Je n'en ai pas l'air, mais j'aime bien aussi tout ce qui est de ce genre. Répond Mae timidement.

 

- Disons que ton apparence ne colle pas avec ce que t'écoutes.

 

- Bien sûr que si ! Rétorque alors Mae.

J'aime beaucoup Amuro Namie et …pleins d'autres !

 

- Ah…? Fait-il tout en tournant la tête, surpris.

 

- Quoi ?... Demande Mae en fronçant les sourcils.

 

Amuro Namie hein … Dit-il sur un ton moqueur.

Tu sais qu'il y a une dizaine d'années, on la voyait partout. Je le sais parce que j'étais gosse et même si je ne l'aimais pas forcément, j'étais obligé de la connaître.

 

- Comment ça ? Demande Mae en pouffant.

 

- Et bien, c'était une diva. On la voyait partout, elle passait tout le temps à la télé et sur tous les écrans de ville.

 

- Pourquoi tu dis ça ?

 

- Parce que c'est vrai. Dit-il en tournant le volant.

Mais après, elle a eu un enfant, et il y a eu d'autres histoires, alors elle a arrêté un moment.

 

- C'est vrai ? Comment tu sais ça ?

 

- Tout le monde le sait, ou presque. Et maintenant, c'est devenu un dinosaure, ta chanteuse.

 

- Hé ! Je t'interdis d'insulter mes bons goûts ! Rétorque t-elle en boudant.

 

- Je ne l'insulte pas. C'est juste qu'elle est oubliée, elle se fait vieille.

 

- Ah bon ? Et …Hamasaki Ayumi ?

 

- Hein ? Fait-il encore en se retournant avant de rire.

Alors elle, elle s'est complètement cassé la figure.

 

- Vraiment ? Pourtant… quand j'étais en France, pour eux, la chanteuse Japonaise à succès, c'était bien Hamasaki Ayumi

 

- Comme quoi, il y a des clichés des deux côtés.

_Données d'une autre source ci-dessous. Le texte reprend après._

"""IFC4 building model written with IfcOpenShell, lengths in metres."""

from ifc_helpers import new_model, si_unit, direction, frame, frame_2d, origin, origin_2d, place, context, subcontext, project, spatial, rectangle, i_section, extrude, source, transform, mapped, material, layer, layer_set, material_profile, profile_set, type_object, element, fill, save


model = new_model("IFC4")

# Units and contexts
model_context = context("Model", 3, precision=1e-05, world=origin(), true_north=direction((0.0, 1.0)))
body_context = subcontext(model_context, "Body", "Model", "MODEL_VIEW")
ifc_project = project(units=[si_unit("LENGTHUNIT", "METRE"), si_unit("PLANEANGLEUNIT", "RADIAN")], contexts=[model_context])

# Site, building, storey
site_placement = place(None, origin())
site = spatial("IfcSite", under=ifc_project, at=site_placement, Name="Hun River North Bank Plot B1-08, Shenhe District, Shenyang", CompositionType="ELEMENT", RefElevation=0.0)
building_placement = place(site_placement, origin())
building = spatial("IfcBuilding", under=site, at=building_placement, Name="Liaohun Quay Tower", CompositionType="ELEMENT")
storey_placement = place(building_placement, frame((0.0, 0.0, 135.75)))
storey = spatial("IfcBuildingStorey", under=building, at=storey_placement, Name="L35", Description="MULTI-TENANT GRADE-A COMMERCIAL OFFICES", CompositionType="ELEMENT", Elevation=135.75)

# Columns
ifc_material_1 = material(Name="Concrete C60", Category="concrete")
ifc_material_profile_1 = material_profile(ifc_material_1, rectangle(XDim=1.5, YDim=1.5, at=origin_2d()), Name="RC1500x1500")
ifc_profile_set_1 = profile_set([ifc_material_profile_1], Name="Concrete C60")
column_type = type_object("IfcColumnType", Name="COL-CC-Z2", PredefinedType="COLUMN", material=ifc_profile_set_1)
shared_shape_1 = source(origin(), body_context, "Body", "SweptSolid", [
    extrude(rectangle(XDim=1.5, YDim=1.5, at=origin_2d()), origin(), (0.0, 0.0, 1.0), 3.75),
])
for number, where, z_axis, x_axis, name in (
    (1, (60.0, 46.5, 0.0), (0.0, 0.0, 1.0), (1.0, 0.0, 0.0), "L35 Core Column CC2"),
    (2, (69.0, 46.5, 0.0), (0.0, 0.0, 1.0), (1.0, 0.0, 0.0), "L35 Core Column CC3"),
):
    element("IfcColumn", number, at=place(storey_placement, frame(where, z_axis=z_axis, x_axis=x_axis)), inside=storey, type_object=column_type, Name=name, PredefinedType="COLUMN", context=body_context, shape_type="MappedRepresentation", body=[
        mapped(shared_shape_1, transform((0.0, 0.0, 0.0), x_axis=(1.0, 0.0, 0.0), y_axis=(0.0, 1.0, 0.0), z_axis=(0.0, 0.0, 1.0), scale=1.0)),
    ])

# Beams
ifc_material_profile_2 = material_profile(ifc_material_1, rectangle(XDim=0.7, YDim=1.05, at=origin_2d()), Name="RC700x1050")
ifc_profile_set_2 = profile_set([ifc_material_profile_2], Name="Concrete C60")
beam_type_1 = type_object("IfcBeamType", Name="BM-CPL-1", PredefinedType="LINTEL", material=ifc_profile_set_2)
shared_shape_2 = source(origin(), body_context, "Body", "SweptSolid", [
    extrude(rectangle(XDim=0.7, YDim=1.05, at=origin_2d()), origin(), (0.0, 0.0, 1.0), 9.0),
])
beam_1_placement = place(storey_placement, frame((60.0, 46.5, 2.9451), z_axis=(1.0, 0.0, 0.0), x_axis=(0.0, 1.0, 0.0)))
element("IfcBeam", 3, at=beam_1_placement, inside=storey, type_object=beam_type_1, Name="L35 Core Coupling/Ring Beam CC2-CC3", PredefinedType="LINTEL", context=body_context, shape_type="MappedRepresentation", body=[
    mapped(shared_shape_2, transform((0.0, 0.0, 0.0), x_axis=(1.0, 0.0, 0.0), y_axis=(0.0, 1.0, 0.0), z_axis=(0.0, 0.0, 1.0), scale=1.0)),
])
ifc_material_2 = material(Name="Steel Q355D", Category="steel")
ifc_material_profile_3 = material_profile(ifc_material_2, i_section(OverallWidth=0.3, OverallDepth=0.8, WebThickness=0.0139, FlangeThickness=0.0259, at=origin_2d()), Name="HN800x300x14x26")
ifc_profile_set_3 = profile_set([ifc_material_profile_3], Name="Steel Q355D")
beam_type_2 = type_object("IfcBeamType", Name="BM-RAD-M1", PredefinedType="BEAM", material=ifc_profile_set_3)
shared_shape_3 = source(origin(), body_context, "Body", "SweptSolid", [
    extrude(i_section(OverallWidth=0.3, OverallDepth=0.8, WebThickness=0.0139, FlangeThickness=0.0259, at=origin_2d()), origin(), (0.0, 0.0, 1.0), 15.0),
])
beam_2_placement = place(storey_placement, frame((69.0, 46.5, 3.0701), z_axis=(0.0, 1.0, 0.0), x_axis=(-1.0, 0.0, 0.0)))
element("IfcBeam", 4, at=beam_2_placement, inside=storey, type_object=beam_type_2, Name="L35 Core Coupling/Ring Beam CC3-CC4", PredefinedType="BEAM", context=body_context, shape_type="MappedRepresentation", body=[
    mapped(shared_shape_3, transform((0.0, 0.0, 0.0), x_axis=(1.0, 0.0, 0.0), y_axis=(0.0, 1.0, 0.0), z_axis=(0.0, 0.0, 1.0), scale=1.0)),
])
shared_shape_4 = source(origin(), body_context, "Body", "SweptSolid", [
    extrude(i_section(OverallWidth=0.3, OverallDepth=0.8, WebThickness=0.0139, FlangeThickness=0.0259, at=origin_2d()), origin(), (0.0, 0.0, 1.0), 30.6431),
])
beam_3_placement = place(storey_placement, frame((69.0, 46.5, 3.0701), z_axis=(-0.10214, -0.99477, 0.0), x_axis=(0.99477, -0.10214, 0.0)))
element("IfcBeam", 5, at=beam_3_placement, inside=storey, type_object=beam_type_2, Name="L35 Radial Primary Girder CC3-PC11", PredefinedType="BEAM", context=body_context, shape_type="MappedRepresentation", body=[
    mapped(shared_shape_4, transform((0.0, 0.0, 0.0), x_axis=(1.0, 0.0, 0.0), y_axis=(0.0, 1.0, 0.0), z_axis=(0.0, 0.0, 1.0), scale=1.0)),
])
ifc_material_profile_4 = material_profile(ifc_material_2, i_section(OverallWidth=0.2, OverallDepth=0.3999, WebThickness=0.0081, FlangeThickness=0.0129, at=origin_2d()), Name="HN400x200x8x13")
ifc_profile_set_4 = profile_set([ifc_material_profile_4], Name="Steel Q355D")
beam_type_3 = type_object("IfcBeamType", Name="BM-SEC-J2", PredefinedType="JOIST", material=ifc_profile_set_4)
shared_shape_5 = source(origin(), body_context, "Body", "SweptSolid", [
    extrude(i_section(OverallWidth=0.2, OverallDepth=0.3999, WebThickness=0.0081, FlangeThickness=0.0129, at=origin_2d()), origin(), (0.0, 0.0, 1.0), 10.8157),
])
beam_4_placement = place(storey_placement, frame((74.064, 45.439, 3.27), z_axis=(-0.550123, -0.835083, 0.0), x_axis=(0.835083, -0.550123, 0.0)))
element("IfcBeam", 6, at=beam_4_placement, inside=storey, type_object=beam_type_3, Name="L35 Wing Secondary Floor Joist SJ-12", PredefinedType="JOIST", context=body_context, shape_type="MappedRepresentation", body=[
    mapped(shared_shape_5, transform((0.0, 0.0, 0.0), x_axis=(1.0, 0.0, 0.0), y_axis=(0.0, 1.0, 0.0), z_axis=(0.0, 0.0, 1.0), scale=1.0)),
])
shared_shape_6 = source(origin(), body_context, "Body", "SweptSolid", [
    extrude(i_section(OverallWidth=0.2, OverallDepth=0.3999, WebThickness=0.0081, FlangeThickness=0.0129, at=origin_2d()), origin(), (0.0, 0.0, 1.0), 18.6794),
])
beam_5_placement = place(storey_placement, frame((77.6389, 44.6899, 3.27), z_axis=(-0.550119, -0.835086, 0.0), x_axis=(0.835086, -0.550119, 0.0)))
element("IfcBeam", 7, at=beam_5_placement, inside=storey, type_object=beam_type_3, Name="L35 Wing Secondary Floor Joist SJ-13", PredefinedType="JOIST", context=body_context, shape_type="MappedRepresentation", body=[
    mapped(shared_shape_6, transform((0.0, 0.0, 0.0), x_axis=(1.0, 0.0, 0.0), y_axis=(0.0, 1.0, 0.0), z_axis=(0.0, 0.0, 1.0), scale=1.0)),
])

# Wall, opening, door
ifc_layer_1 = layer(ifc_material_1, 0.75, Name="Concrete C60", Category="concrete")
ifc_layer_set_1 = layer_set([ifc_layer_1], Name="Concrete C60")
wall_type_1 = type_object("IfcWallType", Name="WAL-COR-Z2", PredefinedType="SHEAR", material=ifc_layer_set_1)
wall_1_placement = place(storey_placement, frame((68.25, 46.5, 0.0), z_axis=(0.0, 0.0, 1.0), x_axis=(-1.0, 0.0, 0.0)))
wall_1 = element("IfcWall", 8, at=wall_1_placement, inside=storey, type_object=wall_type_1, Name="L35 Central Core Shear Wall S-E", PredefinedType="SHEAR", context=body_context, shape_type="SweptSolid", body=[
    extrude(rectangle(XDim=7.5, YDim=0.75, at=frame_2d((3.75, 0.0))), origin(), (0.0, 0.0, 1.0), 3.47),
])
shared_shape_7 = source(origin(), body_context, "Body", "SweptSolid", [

J'ai aussi du Namiechan, si tu veux…

 

- Oh oui ! Jubile alors Mae.

 

-Ce sont des vieilles, je ne connais pas les nouvelles, elle chante toujours en anglais et je ne comprends pas. » dit-il en esquissant un petit sourire.

 

Alors à nouveau, de sa main gauche, manipule le poste et arrive à choisir un morceau de la fameuse Amuro Namie, « Dreaming I was dreaming ».

C'est sur cette chanson que se termine le « voyage ».

 

Nous sortons de la voiture en même temps que Mae.

 

Mae fait signe, et la vitre s'abaisse.

« Tu as toujours faim ? »

A travers la fenêtre entrouverte, nous apercevons clairement son visage dont les yeux sont toujours cachés par ces lunettes.

Il penche la tête d'un côté, lance un regard fixe, il semble hésiter.

Après quelques secondes de silence, il produit enfin quelques sons.

« Je n'ai plus trop faim finalement… »

 

Cette réponse nous laisse pensifs.

Pour la première fois, nous allons prendre une décision de nous même.

 

Mae recule alors, et s'abaisse, elle le remercie.

A notre grand dépourvu, elle demande si une autre rencontre est possible.

Il hésite encore.

Deux mots sortent de sa bouche percée, « peut-être ».

Sur-ce, Mae rentre dans l'appartement, monte les quelques escaliers et arrive chez elle.

 

Nous sommes encore dehors.

Nous voulons savoir.

Alors nous entreprenons enfin, juste pour une fois, de changer de sujet d'observation.

Alors nous embarquons de nouveau dans sa voiture, avant qu'elle ne démarre sans nous.